Note that this is equivalent to computing `upperbound * randbits(nbits + 64) >> (nbits + 64)` combined with an early-exit optimization, albeit one that becomes less effective as `upperbound` increases: if `upperbound = 2^nbits - 1`, the probability of using the early exit is basically zero. (As the author points out, Lemire's optimization may be used to improve this exit test).<p>The early exit optimization, however, may leak information about the random output, since it tells someone with access to timing information whether one or two outputs was used. With standard rejection sampling, the entire sample is discarded if a bias would be produced, so the output is independent of the number of samples. However, here, certain outputs cannot be produced by the early exit (for sufficiently large upper bounds), meaning that an attacker could narrow down the random number if the algorithm exited early.<p>I think that, to avoid this timing attack vector, the early exit would need to be eliminated - in which case the algorithm would perform no better (and usually worse) than Lemire's approach in terms of expected calls to the random number generator.
Hi, author here. Note this is not really a "new idea"; in a very reasonable sense it's simply the most obvious thing possible. I do think that it's likely the first mainstream "productized" implementation, however (though I would be interested to hear of other places that it's been tried).

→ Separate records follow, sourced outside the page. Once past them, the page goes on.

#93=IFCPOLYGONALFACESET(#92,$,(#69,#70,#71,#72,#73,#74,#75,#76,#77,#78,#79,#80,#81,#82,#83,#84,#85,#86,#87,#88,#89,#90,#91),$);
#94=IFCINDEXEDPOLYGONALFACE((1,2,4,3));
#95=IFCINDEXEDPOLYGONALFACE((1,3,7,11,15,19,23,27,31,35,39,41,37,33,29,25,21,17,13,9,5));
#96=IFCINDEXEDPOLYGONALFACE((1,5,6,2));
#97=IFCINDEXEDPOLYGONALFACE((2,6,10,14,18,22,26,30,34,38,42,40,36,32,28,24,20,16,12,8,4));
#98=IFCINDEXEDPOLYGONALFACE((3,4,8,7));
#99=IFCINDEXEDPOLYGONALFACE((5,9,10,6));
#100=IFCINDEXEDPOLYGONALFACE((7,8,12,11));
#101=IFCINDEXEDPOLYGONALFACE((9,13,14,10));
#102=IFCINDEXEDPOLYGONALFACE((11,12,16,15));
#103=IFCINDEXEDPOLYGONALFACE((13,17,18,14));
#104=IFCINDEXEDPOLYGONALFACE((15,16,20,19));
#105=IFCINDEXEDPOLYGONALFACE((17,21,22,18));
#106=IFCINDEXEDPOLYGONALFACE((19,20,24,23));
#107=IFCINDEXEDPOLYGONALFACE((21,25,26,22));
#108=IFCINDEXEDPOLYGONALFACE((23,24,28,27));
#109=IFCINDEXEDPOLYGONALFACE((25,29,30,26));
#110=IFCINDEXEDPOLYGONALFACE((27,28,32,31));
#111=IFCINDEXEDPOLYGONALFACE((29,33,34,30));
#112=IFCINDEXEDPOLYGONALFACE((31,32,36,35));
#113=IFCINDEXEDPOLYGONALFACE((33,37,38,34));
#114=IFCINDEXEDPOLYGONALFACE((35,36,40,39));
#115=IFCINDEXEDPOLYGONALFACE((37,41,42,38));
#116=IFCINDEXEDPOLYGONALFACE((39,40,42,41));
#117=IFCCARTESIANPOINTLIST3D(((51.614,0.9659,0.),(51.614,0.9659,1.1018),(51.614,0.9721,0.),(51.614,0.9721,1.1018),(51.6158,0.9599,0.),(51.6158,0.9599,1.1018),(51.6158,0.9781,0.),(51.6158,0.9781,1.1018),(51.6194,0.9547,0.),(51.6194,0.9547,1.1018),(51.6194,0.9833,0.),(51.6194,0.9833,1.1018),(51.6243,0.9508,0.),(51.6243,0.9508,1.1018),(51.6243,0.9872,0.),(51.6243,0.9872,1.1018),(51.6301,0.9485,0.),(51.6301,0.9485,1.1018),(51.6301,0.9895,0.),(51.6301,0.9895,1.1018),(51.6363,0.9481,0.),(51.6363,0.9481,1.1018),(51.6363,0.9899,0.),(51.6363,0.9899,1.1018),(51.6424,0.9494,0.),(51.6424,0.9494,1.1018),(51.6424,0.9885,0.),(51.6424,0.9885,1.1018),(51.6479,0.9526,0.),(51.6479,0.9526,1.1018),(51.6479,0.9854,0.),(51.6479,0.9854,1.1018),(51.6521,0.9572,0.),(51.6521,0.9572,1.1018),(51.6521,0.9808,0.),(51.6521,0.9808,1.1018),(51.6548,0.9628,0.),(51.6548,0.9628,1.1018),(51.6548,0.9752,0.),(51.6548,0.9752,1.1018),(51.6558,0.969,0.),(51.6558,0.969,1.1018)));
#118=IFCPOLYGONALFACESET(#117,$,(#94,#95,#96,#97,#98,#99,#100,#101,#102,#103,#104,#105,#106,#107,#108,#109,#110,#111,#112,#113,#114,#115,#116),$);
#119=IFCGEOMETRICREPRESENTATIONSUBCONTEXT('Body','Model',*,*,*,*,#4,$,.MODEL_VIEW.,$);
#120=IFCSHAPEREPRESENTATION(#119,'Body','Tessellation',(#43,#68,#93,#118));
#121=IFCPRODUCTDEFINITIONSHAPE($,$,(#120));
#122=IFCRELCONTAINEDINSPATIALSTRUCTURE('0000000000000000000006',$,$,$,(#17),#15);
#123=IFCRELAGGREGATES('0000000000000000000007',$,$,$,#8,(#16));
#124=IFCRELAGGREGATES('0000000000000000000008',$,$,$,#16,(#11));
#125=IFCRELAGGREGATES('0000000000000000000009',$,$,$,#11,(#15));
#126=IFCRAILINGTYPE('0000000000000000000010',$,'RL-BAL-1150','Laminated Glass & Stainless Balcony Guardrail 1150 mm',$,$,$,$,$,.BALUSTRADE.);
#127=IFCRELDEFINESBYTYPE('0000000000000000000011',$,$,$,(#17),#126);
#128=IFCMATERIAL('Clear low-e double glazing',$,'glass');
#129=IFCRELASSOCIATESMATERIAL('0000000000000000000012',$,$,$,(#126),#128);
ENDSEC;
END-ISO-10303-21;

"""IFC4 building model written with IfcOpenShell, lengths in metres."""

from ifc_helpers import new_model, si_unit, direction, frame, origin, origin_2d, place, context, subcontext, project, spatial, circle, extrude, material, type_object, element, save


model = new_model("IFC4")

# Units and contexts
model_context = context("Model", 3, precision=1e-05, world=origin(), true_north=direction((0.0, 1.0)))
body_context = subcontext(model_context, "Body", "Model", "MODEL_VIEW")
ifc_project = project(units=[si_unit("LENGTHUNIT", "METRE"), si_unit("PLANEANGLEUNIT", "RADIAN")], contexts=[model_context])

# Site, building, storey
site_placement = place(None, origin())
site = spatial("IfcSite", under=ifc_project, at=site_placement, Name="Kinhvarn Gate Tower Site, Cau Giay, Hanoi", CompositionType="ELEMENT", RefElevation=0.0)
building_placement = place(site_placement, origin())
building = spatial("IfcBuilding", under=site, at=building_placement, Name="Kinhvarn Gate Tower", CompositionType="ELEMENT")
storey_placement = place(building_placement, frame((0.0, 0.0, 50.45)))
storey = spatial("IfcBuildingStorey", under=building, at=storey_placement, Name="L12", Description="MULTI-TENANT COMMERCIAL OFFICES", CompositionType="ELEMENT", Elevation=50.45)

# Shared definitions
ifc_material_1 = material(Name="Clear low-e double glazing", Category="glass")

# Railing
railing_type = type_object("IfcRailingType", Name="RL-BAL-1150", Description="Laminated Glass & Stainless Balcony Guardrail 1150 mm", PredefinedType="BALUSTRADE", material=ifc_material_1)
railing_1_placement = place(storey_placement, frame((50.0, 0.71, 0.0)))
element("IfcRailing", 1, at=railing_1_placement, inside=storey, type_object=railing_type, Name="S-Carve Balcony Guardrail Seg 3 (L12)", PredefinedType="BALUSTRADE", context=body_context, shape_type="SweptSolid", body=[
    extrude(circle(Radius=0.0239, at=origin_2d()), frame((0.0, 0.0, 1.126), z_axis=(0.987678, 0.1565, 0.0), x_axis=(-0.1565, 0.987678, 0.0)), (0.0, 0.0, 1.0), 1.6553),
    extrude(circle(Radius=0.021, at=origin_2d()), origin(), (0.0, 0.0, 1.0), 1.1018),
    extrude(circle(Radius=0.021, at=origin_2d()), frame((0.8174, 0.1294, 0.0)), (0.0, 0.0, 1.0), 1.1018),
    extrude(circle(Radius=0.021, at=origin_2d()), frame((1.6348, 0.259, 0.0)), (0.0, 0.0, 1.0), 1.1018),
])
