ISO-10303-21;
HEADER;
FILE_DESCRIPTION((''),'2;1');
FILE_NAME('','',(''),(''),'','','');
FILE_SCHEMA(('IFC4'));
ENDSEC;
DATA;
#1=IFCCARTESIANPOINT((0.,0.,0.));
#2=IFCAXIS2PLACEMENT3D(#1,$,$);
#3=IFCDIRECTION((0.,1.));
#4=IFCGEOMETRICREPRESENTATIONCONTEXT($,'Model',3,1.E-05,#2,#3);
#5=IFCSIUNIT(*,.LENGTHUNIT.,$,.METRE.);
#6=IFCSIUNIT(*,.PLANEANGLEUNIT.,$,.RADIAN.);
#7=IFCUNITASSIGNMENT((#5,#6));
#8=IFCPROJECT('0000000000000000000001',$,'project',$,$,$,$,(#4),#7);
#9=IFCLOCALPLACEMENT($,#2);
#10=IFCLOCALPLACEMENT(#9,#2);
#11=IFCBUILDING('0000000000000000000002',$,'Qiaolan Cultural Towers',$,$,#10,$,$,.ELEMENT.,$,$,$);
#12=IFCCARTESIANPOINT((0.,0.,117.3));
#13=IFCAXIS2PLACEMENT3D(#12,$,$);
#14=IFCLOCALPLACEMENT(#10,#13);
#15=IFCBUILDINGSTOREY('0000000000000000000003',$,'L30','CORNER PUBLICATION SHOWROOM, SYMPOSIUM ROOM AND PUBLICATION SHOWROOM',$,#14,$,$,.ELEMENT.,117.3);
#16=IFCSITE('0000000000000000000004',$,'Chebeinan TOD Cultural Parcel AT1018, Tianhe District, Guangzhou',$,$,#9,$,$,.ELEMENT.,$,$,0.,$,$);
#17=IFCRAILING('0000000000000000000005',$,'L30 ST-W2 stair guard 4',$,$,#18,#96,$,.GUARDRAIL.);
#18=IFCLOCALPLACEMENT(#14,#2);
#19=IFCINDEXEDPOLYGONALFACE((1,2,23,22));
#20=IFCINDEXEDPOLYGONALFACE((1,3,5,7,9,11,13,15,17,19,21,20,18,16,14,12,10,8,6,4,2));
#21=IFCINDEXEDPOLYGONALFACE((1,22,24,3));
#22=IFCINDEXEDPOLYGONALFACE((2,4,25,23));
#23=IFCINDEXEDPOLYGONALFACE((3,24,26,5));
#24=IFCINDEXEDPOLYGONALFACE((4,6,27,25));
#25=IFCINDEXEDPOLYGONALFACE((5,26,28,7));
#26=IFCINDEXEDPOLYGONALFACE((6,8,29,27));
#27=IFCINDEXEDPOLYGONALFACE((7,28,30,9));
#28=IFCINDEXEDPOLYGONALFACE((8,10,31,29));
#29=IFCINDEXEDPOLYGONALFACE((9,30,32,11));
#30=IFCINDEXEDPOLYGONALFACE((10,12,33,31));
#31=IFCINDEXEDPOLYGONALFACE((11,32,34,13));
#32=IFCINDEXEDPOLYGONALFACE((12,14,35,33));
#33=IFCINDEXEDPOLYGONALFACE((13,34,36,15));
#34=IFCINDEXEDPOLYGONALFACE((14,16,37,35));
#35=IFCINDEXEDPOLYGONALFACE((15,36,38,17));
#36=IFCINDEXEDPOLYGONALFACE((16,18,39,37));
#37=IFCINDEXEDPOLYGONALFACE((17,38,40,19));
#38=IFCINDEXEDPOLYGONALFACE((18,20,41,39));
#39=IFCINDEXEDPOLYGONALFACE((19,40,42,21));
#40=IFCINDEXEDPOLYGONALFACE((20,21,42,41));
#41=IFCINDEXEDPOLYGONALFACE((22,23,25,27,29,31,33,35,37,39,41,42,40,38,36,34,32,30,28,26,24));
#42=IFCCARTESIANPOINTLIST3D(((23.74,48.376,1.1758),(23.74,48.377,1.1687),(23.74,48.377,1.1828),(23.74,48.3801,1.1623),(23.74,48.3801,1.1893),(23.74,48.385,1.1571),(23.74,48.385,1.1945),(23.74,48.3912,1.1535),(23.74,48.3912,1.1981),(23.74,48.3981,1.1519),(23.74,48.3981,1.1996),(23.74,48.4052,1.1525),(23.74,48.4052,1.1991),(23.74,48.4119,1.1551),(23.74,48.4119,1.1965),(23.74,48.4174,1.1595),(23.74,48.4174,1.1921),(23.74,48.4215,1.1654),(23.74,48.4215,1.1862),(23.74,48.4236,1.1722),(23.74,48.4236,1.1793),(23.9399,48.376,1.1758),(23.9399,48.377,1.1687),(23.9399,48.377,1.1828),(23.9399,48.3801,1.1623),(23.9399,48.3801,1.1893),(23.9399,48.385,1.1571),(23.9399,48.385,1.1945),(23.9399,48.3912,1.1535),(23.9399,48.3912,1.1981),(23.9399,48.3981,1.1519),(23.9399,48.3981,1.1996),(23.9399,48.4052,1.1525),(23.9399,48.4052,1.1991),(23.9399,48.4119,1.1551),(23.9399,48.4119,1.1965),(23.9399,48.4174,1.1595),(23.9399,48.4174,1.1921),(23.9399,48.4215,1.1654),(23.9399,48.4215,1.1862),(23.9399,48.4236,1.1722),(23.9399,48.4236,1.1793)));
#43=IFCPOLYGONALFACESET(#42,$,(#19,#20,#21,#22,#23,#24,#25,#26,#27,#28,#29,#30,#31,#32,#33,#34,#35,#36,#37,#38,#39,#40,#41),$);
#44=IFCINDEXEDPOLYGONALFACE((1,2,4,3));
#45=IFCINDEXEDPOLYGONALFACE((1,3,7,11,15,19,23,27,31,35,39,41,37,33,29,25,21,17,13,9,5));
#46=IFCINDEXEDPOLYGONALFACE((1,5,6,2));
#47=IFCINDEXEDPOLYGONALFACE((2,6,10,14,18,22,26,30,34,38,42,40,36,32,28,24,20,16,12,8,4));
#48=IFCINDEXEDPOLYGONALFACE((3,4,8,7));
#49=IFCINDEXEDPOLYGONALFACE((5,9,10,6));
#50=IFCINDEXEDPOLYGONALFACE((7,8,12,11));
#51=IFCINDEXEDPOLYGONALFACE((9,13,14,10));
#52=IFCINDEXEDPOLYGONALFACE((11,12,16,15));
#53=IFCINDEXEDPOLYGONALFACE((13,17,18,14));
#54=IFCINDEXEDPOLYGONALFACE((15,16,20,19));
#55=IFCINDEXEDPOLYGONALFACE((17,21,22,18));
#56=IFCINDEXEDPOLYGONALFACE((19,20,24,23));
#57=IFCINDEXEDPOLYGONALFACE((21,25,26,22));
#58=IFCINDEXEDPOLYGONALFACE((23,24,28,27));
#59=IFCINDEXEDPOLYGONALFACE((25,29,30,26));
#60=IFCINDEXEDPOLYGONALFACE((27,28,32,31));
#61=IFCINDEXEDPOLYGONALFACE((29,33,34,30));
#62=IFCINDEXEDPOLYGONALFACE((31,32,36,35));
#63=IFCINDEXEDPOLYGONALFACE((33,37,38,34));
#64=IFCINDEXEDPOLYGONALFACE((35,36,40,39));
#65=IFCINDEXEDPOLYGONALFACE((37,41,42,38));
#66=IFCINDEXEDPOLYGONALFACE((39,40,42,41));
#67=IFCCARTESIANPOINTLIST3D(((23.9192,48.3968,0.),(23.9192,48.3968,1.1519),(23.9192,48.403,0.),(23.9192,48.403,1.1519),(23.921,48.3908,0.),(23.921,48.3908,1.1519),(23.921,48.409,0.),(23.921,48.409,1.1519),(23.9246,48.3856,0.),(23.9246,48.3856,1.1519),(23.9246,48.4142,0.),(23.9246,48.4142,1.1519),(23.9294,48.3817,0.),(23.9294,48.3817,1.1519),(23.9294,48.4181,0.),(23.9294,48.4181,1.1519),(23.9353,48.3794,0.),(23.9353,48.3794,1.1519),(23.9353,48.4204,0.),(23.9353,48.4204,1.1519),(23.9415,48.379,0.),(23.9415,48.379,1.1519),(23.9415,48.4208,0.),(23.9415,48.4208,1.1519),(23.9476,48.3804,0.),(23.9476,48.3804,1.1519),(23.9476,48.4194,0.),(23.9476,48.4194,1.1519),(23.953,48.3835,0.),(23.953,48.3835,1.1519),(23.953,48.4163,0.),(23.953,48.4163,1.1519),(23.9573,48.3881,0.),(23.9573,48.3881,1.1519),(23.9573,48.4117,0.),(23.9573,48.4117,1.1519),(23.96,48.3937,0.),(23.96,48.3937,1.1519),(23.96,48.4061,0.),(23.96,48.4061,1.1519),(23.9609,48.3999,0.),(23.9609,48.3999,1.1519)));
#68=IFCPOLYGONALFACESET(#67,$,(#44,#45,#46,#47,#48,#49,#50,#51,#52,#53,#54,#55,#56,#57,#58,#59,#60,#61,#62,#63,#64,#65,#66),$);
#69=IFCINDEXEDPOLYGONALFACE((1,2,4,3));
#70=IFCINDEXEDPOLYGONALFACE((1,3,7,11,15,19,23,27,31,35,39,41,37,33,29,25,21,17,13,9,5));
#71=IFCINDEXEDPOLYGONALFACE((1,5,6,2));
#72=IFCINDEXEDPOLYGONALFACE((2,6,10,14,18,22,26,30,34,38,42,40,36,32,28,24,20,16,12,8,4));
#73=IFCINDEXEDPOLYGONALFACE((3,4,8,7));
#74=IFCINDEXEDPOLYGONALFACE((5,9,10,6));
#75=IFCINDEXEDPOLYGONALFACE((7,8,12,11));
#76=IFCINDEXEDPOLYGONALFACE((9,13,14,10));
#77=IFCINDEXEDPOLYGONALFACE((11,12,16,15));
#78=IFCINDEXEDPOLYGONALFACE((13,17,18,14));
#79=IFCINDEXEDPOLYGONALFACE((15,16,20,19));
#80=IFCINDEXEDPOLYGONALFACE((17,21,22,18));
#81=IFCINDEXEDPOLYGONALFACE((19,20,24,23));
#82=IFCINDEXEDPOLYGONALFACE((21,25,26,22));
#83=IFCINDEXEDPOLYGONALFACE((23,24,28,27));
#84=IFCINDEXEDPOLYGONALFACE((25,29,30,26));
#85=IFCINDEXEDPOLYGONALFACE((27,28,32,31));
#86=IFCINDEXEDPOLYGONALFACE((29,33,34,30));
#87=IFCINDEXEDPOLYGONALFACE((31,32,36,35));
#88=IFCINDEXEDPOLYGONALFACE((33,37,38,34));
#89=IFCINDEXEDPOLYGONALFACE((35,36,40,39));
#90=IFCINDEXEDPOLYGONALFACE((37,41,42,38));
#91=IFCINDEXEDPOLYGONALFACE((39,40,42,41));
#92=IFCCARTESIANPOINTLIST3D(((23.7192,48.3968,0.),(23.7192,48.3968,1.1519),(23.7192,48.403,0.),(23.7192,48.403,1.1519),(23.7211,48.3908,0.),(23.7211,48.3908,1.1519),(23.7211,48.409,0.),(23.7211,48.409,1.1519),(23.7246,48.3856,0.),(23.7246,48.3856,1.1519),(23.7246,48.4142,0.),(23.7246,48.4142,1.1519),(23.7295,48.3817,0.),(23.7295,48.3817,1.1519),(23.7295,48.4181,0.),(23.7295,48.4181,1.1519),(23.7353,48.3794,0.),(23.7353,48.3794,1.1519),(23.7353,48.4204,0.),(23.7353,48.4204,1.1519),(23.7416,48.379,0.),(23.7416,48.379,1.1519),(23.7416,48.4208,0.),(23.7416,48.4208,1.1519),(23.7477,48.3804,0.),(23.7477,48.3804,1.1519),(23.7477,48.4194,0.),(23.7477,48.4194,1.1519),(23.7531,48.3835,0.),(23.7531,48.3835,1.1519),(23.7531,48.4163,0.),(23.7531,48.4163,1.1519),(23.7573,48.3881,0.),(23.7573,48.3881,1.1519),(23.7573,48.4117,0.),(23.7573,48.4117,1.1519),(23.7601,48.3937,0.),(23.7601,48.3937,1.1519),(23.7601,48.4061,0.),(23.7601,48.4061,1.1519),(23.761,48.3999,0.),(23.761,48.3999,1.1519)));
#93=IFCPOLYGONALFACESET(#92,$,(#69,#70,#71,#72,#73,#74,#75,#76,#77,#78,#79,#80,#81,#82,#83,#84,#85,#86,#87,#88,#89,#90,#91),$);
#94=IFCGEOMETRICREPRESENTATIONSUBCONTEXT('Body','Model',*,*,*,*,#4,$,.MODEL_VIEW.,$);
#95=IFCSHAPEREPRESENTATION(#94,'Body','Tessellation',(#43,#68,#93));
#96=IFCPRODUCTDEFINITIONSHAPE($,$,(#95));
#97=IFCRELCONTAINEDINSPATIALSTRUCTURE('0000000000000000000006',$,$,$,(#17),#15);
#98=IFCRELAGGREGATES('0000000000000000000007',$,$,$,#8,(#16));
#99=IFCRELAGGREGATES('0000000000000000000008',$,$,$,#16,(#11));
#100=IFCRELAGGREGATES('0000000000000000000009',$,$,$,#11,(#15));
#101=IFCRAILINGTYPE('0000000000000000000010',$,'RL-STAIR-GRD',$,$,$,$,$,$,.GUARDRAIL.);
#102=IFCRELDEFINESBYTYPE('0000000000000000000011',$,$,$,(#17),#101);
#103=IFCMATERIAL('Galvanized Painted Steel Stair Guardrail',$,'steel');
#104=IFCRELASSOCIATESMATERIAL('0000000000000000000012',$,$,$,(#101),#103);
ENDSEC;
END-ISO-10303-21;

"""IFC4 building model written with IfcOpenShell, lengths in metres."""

from ifc_helpers import new_model, si_unit, direction, frame, origin, origin_2d, place, context, subcontext, project, spatial, circle, extrude, material, type_object, element, save


model = new_model("IFC4")

# Units and contexts
model_context = context("Model", 3, precision=1e-05, world=origin(), true_north=direction((0.0, 1.0)))
body_context = subcontext(model_context, "Body", "Model", "MODEL_VIEW")
ifc_project = project(units=[si_unit("LENGTHUNIT", "METRE"), si_unit("PLANEANGLEUNIT", "RADIAN")], contexts=[model_context])

# Site, building, storey
site_placement = place(None, origin())
site = spatial("IfcSite", under=ifc_project, at=site_placement, Name="Chebeinan TOD Cultural Parcel AT1018, Tianhe District, Guangzhou", CompositionType="ELEMENT", RefElevation=0.0)
building_placement = place(site_placement, origin())
building = spatial("IfcBuilding", under=site, at=building_placement, Name="Qiaolan Cultural Towers", CompositionType="ELEMENT")
storey_placement = place(building_placement, frame((0.0, 0.0, 117.3)))
storey = spatial("IfcBuildingStorey", under=building, at=storey_placement, Name="L30", Description="CORNER PUBLICATION SHOWROOM, SYMPOSIUM ROOM AND PUBLICATION SHOWROOM", CompositionType="ELEMENT", Elevation=117.3)

# Railing
ifc_material_1 = material(Name="Galvanized Painted Steel Stair Guardrail", Category="steel")
railing_type_1 = type_object("IfcRailingType", Name="RL-STAIR-GRD", PredefinedType="GUARDRAIL", material=ifc_material_1)
railing_1_placement = place(storey_placement, frame((23.9399, 48.3999, 0.0)))
element("IfcRailing", 1, at=railing_1_placement, inside=storey, type_object=railing_type_1, Name="L30 ST-W2 stair guard 4", PredefinedType="GUARDRAIL", context=body_context, shape_type="SweptSolid", body=[
    extrude(circle(Radius=0.0239, at=origin_2d()), frame((0.0, 0.0, 1.1758), z_axis=(-1.0, 0.0, 0.0), x_axis=(0.0, -1.0, 0.0)), (0.0, 0.0, 1.0), 0.2),
    extrude(circle(Radius=0.021, at=origin_2d()), origin(), (0.0, 0.0, 1.0), 1.1519),
    extrude(circle(Radius=0.021, at=origin_2d()), frame((-0.2, 0.0, 0.0)), (0.0, 0.0, 1.0), 1.1519),
])

save(model, "model.ifc")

I'm a bit confused about this method.<p>So the standard argument against such a procedure is that if you generate N random bits, each of {0,1}^N bitstrings is equiprobable and therefore no mapping of {0,1}^N to {0..U-1} can map an equal number of bitstrings to each output.<p>A priori the method seems to work around this by conditionally sampling more bits, so that your domain is not one of fixed-length bitstrings. But then there is this paragraph:<p>> More intriguing still, this algorithm can be made unconditional by removing the early out, so that every value computed requires word size + 64 bits from the stream, which breaks the loop-carried dependency for fast generators, unlocking vectorization and parallelization where it was previously impossible. This is an especially powerful advantage when paired with bitstream generators that allow skip-ahead such as counter-based generators or PCG.<p>But now we are mapping {0, 1}^N into {0..U-1} right? So this mapping ought not be uniform? In fact I'm not sure why the early-termination method even works, because for a fixed U we know the maximum depth of the generated-bitstring-tree, so we can just pad it with imaginary random bits to arrive at the contradiction that U does not divide 2^N.<p>I imagine I missed something, what is it?<p>EDIT: thinking about it more, if you sample finitely many bits then each possible output has a probability that is a dyadic rational (fractions of the form a/2^k) which does not include all integer reciprocals.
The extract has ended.